# The villagers won't let me leave their homes!



## gamerlady (Dec 2, 2021)

Is there a certain amount of time I have to stay when an animal invites me to their home? I stayed at least 5 minutes and every time I get ready to leave the villager requests that I stay longer. I keep trying, and I CAN'T LEAVE! I had to exit the game to leave.


----------



## xSuperMario64x (Dec 2, 2021)

cant recall if this has ever happened to me (I think maybe once or twice), but when you visit a villager it doesn't really matter how long you stay. what does matter is that you talk to them multiple times (I would talk to them like 5-6 times to be sure). also interact with their furniture while you're at it. they'll eventually let you leave.


----------



## LadyDestani (Dec 2, 2021)

I've never had a villager keep me from leaving their house before. They usually say something about me leaving so soon regardless of how much time I've spent there, but I can always leave. I usually just talk to them 3-5 times and then go.


----------



## gigii (Dec 2, 2021)

when ever i go to there house i just talk to them then leave lol


----------



## CherryApplePie (Dec 9, 2021)

Wow, that has never happened to me.

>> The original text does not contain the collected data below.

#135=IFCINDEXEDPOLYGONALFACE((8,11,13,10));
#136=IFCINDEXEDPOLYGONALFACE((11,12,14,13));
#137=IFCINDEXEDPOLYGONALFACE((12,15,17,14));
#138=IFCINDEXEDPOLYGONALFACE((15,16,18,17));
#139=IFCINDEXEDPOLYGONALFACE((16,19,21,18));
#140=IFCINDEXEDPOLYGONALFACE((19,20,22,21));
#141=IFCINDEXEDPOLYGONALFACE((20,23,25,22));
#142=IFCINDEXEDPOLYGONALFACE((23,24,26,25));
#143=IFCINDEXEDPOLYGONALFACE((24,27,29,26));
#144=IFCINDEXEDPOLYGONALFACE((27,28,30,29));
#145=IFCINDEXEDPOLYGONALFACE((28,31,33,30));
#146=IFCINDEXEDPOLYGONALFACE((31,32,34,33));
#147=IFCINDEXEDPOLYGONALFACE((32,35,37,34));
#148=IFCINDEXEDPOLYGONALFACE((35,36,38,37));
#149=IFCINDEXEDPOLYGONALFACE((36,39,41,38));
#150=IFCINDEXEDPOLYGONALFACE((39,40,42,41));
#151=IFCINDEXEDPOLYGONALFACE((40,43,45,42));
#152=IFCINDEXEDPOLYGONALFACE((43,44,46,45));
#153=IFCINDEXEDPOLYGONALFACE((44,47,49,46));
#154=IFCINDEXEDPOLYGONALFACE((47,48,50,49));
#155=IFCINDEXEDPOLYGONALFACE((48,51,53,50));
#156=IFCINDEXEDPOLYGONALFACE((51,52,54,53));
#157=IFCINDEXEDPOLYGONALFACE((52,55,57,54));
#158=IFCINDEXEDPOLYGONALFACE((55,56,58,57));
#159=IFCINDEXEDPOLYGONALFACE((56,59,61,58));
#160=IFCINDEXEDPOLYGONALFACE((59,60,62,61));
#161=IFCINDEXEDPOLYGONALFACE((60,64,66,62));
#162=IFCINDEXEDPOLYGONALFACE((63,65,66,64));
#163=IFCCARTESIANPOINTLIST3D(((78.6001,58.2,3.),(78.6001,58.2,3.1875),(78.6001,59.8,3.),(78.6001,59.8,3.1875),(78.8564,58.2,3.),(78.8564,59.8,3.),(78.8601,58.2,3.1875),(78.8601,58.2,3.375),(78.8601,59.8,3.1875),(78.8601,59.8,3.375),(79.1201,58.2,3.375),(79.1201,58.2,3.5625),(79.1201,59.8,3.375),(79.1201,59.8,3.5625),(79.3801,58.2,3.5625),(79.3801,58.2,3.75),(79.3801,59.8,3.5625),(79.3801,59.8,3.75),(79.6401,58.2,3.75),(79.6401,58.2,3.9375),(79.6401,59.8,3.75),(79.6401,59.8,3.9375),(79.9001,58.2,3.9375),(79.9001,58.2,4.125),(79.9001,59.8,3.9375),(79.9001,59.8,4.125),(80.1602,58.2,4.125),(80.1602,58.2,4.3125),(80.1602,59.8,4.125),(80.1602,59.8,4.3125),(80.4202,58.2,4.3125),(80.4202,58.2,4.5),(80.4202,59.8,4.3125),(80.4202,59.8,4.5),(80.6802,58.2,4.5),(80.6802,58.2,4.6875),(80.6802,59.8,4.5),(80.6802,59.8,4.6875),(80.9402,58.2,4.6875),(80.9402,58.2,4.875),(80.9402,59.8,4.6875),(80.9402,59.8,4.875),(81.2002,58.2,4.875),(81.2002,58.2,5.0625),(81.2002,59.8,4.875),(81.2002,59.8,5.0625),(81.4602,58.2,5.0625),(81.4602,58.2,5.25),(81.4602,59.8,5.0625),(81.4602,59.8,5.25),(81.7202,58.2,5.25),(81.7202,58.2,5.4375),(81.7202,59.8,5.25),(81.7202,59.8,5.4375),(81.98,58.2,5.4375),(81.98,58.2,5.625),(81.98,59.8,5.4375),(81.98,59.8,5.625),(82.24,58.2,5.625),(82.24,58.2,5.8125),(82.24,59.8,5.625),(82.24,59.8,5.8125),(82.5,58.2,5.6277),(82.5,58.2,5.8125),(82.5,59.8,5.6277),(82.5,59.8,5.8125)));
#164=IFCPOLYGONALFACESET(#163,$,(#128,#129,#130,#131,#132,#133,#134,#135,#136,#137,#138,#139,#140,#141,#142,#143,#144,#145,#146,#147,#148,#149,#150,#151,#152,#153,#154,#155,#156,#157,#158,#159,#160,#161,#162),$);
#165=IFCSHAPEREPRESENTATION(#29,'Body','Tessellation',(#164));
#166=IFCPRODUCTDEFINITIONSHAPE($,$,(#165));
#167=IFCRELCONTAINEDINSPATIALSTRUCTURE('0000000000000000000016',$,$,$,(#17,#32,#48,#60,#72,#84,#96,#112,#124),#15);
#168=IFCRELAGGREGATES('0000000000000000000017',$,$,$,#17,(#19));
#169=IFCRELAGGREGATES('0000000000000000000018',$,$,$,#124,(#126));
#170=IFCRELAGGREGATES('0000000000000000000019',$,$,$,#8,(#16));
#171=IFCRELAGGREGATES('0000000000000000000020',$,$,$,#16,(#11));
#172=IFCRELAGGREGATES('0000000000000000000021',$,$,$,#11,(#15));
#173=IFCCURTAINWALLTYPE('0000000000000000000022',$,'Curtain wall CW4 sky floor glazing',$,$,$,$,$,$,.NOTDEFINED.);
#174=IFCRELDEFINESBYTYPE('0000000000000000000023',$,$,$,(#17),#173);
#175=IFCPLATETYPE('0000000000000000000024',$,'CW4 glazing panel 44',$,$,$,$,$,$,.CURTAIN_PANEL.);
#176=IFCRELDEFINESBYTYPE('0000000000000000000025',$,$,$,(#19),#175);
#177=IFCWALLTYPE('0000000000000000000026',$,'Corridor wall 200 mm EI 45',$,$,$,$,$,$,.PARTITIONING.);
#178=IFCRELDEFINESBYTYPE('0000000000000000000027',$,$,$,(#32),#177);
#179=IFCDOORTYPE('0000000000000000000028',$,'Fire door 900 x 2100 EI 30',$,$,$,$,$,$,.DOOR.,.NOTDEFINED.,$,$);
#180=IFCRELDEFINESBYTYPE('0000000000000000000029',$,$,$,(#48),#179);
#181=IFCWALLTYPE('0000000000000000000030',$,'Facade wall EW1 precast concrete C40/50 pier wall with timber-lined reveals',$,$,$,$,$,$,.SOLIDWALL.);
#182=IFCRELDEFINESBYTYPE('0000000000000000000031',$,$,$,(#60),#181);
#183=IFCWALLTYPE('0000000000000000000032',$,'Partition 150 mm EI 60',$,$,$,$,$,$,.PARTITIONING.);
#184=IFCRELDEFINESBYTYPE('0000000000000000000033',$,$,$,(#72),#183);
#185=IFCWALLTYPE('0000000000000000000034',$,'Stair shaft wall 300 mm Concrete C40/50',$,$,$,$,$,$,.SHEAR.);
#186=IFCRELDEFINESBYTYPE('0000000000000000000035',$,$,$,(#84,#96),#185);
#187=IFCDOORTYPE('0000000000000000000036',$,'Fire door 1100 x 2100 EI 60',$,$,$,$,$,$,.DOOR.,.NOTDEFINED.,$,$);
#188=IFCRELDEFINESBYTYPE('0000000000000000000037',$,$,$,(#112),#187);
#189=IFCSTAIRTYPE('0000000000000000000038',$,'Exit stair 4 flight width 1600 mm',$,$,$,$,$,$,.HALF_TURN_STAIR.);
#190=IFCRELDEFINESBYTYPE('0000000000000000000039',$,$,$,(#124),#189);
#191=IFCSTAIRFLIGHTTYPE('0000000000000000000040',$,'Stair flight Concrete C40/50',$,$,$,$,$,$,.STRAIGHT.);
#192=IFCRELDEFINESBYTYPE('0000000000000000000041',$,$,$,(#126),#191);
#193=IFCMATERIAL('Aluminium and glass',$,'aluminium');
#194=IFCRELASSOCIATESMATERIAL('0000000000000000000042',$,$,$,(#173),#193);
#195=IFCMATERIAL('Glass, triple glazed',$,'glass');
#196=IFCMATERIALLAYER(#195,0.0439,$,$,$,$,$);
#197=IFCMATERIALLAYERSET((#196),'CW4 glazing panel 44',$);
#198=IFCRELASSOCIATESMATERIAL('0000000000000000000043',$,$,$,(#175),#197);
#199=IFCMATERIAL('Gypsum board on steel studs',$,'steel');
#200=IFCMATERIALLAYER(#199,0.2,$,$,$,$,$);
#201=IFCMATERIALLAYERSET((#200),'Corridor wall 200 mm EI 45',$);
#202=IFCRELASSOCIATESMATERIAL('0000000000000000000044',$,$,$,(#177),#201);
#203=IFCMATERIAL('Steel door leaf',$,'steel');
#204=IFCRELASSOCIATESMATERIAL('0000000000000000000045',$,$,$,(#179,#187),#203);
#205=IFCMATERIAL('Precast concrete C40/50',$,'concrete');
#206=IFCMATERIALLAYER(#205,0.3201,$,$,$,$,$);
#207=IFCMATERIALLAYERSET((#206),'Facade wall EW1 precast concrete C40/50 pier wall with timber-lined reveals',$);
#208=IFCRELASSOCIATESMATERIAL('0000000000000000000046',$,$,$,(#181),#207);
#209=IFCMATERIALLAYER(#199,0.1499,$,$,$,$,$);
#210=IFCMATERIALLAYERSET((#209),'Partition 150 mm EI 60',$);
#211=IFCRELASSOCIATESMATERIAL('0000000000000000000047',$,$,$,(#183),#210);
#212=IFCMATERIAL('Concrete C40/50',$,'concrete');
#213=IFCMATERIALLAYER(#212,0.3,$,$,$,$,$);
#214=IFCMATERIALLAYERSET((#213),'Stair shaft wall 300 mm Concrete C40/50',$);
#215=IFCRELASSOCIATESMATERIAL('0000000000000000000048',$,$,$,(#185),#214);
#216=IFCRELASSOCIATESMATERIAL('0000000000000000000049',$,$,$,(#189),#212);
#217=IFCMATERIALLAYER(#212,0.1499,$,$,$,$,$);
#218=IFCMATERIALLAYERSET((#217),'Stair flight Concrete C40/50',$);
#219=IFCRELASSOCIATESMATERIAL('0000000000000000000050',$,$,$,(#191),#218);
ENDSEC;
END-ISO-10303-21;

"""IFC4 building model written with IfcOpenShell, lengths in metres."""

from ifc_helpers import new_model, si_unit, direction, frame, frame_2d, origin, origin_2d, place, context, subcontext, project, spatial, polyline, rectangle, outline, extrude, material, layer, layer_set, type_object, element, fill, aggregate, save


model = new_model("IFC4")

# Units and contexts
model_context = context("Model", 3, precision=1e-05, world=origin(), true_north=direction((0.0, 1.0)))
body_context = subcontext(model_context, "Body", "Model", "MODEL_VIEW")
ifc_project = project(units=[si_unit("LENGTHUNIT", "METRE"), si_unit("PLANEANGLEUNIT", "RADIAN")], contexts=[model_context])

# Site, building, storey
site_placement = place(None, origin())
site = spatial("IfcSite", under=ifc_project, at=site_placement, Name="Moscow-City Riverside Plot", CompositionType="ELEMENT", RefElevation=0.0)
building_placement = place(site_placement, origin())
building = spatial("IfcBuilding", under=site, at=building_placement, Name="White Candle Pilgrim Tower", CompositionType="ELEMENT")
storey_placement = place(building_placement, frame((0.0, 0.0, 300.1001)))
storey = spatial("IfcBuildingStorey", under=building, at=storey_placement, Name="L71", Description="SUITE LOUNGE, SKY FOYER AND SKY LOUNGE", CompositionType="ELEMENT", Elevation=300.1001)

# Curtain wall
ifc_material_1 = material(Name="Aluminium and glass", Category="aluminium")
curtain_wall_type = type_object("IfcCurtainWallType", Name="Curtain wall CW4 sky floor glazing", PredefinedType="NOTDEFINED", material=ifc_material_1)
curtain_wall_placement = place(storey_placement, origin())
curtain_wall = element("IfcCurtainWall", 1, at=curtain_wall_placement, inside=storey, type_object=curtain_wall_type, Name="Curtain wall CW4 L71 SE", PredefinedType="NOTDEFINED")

I can usually walk right out, lol. Maybe it’s a glitch?


----------



## gigii (Dec 9, 2021)

well its happened to me bc i wanted to leave mitzi's house and shes was like no dont leave you didnt se my full house or sum like that so just talk to them and than u can leave


----------



## Croconaw (Dec 16, 2021)

I’ve never recalled having this happen. I’d hate for a villager you hold me hostage. It might be a glitch, but eventually I’d save and quit. You’ll just wake up in your house.


----------



## Mr_Keroppi (Dec 17, 2021)

Have you spoken to them? I think you have too,


----------



## gigii (Dec 17, 2021)

Mr_Keroppi said:


> Have you spoken to them? I think you have too,


i love ur pfp


----------



## Mr_Keroppi (Dec 17, 2021)

gigibeqr said:


> i love ur pfp


Thank you!! Keroppi gotta stay in trends with the seasons


----------



## Mommahusky (Jul 4, 2022)

I’ve just visited Marshall and he wouldn’t let me leave, kept asking why I was going. Even asked to be rescued but you need to be outside apparently. Had to close it down.


----------



## michito (Jul 6, 2022)

You have to talk to them for a few times, and when they ask you if you want to buy some of their furniture that's when you can leave!
I think you don't have to necessarily buy anything from them, just their proposal is fine ^^


----------